Firebase is used as backend as a service (more on Some technical aspects section). Apart of the hosting, the data necessary for the translation is stored on Firebase Cloud Storage. This way, less bandwidth is used for hosting and only the needed language is downloaded, instead of all of them. Obviously, if the user switches between all the languages in their visit, all the languages will be download and cached on their browser.

The main aspects related to the web app daily usage limits are (according to Firebase limits as the day this is written):

  • 50K read storage hits. That means, 25K users that use a single language or $50,000 \over (n+1)$ users, being n the number of languages required for the visit (one hit for cat language and the others for the human languages).

  • 1GB storage bandwidth. The cat language has a size of 175KB and the human languages about 250KB. So, this leads to a limit of $10^6 \over 175 + 250 \cdot n$ users, being n the number of languages.

  • 360MB of hosting bandwidth. This is the most restrictive one, as the production build has a size of nearly 800KB. This is due to some libraries that can not be compressed. This is $360 / 0.8 = 480$ users.

Assuming the user uses two languages $n=2$, the first limit leads 16.6K, the second 14.8K and the third 480 daily users.

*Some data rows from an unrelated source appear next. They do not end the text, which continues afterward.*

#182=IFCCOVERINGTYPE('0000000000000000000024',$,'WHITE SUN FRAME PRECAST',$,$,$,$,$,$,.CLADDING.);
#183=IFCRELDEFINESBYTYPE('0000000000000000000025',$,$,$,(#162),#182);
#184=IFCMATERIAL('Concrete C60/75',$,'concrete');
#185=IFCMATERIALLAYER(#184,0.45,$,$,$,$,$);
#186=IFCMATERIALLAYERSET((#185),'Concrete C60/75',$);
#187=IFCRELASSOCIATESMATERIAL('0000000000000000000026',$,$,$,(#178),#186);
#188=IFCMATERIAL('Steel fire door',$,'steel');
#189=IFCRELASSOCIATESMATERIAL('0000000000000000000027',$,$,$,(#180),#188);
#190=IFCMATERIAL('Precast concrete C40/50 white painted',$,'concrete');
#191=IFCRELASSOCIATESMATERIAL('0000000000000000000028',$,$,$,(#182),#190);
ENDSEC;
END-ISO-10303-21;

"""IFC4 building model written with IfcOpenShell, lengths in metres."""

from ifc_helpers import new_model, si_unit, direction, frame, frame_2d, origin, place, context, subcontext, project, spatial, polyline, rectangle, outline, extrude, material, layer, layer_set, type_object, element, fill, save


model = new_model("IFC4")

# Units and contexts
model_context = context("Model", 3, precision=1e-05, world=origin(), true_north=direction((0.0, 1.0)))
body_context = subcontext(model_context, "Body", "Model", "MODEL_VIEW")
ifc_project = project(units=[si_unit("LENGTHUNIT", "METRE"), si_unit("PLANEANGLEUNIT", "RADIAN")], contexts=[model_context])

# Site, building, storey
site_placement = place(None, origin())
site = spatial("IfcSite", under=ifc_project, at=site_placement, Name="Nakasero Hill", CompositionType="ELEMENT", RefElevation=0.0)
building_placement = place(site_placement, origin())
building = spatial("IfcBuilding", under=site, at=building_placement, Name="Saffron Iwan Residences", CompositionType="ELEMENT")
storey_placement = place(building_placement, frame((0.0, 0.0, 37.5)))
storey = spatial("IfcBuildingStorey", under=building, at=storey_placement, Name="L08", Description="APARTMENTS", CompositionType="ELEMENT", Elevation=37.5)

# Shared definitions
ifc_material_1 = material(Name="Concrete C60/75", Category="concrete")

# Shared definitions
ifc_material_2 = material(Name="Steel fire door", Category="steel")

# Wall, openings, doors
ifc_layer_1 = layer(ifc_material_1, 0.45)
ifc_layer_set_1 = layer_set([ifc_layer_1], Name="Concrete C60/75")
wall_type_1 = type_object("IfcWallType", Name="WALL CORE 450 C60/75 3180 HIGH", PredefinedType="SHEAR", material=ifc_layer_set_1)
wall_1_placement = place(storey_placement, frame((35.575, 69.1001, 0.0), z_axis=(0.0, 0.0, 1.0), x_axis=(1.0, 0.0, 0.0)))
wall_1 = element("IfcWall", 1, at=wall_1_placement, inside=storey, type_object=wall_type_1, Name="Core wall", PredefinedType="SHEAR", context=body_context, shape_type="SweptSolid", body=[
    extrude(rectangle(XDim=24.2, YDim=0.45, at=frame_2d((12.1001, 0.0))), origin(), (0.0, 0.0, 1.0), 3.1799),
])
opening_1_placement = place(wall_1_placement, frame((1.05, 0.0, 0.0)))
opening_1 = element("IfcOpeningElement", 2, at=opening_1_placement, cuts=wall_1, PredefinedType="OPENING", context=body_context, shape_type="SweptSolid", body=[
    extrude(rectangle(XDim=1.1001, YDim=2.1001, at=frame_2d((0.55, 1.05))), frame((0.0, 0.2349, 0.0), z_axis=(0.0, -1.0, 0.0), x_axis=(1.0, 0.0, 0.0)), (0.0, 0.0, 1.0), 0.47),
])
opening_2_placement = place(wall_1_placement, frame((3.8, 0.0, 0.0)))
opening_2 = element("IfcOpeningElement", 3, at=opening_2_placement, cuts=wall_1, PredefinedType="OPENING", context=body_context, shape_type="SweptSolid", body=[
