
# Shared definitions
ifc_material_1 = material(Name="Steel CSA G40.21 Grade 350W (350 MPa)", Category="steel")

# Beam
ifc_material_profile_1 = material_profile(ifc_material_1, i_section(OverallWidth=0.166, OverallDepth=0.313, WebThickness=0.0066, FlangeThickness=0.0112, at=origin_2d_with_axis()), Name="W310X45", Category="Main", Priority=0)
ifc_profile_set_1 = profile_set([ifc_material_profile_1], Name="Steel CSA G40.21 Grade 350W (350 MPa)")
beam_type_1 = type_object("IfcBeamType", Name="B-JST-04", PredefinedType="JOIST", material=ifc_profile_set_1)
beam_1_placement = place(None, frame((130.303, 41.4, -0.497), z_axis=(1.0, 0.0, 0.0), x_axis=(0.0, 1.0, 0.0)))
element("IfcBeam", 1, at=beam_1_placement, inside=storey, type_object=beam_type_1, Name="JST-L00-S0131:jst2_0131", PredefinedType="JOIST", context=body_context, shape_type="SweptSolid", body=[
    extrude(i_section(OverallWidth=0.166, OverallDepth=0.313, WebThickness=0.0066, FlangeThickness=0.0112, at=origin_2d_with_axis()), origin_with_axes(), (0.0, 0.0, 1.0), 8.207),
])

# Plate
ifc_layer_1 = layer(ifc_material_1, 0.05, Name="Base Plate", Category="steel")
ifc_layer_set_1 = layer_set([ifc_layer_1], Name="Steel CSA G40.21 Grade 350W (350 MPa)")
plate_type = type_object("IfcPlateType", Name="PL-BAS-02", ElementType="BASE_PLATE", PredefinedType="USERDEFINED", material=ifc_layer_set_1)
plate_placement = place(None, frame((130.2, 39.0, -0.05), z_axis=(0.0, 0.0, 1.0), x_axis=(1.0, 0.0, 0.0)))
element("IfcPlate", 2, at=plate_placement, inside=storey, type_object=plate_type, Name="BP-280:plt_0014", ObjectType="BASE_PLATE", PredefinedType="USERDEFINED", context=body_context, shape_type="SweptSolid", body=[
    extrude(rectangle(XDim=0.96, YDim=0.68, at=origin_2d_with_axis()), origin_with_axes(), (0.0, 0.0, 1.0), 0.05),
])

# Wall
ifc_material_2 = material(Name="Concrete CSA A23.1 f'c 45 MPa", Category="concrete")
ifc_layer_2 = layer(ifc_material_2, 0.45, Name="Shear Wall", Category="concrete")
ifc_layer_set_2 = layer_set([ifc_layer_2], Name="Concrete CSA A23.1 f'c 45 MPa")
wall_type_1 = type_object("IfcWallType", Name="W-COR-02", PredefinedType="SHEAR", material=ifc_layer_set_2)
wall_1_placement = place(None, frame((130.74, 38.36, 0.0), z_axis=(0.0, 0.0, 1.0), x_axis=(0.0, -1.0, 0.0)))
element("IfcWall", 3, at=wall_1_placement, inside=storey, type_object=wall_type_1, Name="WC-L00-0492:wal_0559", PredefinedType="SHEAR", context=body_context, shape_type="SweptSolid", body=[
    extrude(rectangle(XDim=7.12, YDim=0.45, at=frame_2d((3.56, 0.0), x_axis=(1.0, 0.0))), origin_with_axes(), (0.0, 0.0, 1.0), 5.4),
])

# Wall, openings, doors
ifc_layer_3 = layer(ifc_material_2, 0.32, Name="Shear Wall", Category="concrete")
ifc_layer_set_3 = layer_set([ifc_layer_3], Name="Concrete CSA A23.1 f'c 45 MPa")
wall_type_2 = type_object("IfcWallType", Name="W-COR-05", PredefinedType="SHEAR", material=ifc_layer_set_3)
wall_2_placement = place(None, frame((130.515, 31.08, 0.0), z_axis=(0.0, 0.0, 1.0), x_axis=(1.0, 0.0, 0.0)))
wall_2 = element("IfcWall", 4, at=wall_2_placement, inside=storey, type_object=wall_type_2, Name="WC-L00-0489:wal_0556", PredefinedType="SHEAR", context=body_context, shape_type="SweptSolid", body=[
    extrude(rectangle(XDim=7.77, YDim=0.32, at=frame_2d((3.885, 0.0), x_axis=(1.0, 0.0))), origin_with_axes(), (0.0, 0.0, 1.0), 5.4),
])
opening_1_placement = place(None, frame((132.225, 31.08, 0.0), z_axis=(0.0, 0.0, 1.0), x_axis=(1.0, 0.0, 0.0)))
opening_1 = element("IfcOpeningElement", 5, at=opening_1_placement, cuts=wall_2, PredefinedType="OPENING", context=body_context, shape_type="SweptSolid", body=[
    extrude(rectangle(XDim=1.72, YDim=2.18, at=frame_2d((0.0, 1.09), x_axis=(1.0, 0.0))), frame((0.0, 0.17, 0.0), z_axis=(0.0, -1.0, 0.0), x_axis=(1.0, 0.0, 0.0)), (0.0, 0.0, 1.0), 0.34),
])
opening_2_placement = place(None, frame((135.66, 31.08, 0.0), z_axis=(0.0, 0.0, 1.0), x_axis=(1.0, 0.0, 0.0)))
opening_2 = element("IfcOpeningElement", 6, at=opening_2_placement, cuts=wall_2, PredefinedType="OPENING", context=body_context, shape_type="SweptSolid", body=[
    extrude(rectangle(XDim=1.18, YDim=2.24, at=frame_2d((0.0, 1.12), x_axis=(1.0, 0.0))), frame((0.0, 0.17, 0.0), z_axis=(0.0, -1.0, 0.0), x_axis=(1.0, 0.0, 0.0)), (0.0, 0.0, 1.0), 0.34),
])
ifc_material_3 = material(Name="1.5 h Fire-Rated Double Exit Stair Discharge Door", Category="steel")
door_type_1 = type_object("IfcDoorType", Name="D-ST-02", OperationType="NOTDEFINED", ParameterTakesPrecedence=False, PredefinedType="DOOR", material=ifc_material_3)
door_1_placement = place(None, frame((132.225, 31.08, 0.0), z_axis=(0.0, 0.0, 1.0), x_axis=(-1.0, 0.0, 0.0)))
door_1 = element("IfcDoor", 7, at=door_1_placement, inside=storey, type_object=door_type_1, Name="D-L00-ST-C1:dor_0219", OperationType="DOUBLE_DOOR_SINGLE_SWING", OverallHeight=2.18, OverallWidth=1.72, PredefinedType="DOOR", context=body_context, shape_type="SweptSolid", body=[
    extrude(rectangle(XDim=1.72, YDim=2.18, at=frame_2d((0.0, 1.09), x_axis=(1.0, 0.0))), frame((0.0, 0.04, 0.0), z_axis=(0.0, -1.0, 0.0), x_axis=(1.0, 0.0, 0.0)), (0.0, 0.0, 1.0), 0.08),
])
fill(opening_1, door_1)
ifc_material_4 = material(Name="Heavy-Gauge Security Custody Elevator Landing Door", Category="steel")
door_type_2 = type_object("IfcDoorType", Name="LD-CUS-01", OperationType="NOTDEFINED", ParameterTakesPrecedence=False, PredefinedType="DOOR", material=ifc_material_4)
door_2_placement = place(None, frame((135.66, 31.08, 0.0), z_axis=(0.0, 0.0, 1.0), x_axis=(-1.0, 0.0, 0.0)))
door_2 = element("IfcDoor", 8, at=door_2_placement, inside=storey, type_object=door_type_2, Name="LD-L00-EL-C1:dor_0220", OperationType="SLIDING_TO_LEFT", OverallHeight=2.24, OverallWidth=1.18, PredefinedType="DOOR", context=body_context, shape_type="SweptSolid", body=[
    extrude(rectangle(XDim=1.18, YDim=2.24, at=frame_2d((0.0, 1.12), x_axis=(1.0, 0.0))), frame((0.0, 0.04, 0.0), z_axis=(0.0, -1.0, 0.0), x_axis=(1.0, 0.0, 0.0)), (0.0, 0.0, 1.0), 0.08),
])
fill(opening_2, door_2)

For now, the limit is 480 daily users, however, in a future some libraries may be replaced, lowering down the bundle size, hence smoothing the third limit.

Some technical aspects

The web app is build with JavaScript using ReactJS.

As stated in usage section, Firebase is used as backend as a service. The language datasets are stored on Firebase Cloud Storage, separated from the web itself, that is stored on Firebase Hosting. This is to reduce hosting bandwidth (that is more expensive) and also reduce load time as not all the human languages are downloaded, only those asked for the user.

The datasets are preprocessed and cleaned with python.

The datasets are in a csv format. They have a size of more than 500KB each (except meowish, that has around 319KB). The meowish could be entirely calculated, however that would increase loading time and storage bandwidth is not an issue, as explained in usage section.

However, the meowish csv contains mappings to the real meowish.

example: AAAA => meow, ABCD => mEooWw.

But, how are they stored? The csv files are compressed using lz-string algorithm, a fast javascript implementation of LZW algorithm. This algorithm is known to produce good results with human language. This compression produces binary output that is stored on Cloud Storage, and downloaded and uncompressed each time. The compression and uncompression is nearly instantaneous.

This compression helps reducing the language size a bit.

language csv csv compressed rate
meowish 319KB 175KB 54.86%
english 513KB 251KB 48.93%
spanish 562KB 253KB 45.02%
catalan 577KB 251KB 43.5%

LZW is intended to compress human language, however it did a great job with meowish. Maybe humans and cats are not so different after all?

Main libraries used:

Easter Egg

The cat likes to be petted, however not too much as there is so much work to do on the cat kingdom.